Aggregate emotion analysis


This (fairly technical) document contains technical information about the analysis process and its outputs, but does not describe psychological interpretation of the output.

You may want to start with a background on Stim Engine technology.


Emotions are recorded as a set of 6 “facial coding action units” (AU) [currently, sadness, fear, disgust, puzzlement, surprise, happiness] sampled approximately 16-20 times per second. For example, we might have a video of 30 seconds measured every 200 milliseconds (after resampling, see below). This means the raw data format consists of a matrix of size 6 by 30*(1000/200) = 6 x 150 values per person.

Post-Processing Pipeline

The pipeline is the sequence of processing steps needed to complete the analysis. It occurs on a segment of the participants selected according to user-defined criteria.

Individual Pipeline

Each individual timeseries is subject to the following processing steps:

  1. Windowing: We exclude data outside the bounds of stim presentation
  2. Fixed interval resampling: Since the camera provides measurements at a variable rate, we resample all results to a fixed rate to ensure all individuals contribute equally to the final analysis at all times. We average samples within each interval to produce the resampled values.
  3. Normalization, binarization & aggregation: We compute statistics about each timeseries. This allows us to compute a standard score and, by measuring distance from this, reduce each sample to a binary (yes/no) decision as to whether each AU is being expressed in each sample at any moment. Binarization is an important precursor for aggregation. In more recent data where we use the Convolutional-Neural-Network (CNN) algorithm, the output is already normalized with a known distribution on training data which means we can apply a fixed threshold to binarize the output at a particular sensitivity/specificity point. We can optionally use a specific time-window for the normalization, such as exposure to stimuli of known emotional content (e.g. a relaxing beach scene).
  4. Smoothing: We also smooth the standard scores; note that both original and smoothed data is available.

Aggregate Pipeline

The aggregate pipeline converts the binary classification of AU expression into a population frequency over time (i.e. what fraction of the population expressed a response at each moment). Importantly, we then look at changes in population frequency for each AU over time.

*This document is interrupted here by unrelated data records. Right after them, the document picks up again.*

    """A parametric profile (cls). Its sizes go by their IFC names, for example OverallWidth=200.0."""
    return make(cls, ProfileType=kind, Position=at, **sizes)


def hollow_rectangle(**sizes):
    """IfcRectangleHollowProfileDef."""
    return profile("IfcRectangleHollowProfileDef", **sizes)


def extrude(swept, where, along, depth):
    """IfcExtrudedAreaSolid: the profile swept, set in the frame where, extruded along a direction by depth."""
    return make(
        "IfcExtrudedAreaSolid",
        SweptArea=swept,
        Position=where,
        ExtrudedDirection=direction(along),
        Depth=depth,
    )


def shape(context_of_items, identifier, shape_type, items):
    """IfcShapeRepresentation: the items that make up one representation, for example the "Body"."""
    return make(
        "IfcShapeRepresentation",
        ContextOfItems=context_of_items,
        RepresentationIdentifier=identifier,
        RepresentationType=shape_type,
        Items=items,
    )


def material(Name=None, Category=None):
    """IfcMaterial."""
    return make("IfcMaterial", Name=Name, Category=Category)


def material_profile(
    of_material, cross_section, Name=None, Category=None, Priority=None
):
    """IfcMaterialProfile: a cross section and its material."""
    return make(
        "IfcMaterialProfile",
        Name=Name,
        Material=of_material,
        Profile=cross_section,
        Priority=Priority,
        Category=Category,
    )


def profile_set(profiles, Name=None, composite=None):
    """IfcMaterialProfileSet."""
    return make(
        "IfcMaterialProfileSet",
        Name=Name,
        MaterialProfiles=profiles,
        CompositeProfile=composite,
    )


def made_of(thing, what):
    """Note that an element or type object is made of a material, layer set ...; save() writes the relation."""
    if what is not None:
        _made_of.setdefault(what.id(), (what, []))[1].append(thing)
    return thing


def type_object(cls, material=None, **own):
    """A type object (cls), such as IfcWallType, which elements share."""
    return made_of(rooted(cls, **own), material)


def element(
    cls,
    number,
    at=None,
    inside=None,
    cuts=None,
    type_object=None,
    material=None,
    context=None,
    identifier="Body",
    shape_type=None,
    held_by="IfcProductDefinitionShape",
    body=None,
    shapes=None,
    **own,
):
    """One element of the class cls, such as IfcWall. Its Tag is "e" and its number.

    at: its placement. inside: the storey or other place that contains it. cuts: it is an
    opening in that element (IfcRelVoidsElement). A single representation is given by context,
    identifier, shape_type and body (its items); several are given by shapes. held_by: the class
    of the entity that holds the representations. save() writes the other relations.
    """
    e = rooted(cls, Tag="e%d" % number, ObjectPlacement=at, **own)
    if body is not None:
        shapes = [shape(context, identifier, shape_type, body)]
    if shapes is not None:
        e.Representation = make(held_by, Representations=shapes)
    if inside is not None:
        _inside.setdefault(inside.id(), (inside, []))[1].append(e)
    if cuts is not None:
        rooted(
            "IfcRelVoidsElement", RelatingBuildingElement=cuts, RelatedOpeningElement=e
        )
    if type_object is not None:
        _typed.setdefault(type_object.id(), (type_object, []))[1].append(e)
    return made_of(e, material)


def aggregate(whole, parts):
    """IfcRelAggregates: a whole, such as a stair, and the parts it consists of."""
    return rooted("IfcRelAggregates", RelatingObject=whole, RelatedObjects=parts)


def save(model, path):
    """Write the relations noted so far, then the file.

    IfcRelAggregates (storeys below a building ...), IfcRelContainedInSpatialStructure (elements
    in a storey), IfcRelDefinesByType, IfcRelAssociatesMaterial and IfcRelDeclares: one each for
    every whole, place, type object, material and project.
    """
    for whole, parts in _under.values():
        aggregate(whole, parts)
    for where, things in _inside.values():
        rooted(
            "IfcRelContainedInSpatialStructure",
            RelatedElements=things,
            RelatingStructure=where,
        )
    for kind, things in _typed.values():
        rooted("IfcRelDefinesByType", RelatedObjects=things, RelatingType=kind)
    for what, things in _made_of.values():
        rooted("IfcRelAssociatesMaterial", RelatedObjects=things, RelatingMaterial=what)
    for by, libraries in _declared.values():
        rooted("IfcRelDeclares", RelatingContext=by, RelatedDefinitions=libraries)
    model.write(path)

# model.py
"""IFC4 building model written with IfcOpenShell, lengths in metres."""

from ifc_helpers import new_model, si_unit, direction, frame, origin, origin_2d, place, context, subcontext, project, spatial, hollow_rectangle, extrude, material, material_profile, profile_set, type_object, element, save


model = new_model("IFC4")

The following steps are performed:

  • Summation: We sum the binary AU classification for all participants at each time.
  • Frequency: We calculate the fraction of the population with nonzero AU expression for each AU at each time.
  • Smoothing: We smooth the frequency measurement
  • Relative: We measure the frequency of expression relative to a moving baseline. This highlights changes over time.


We summarize the entire result for a single stim as an “E-Score” (or Emotion-Score). The score has 3 components:

  • Eyes
  • Emotions
  • Effects

See the E-Score page for more information.

Interactive dataset results

All the outputs produced here, plus heatmaps, video and AOI statistics, will be used in our interactive results interface. Once you have created a Dataset, you can explore the results using the Analysis section of the Stim Admin interface.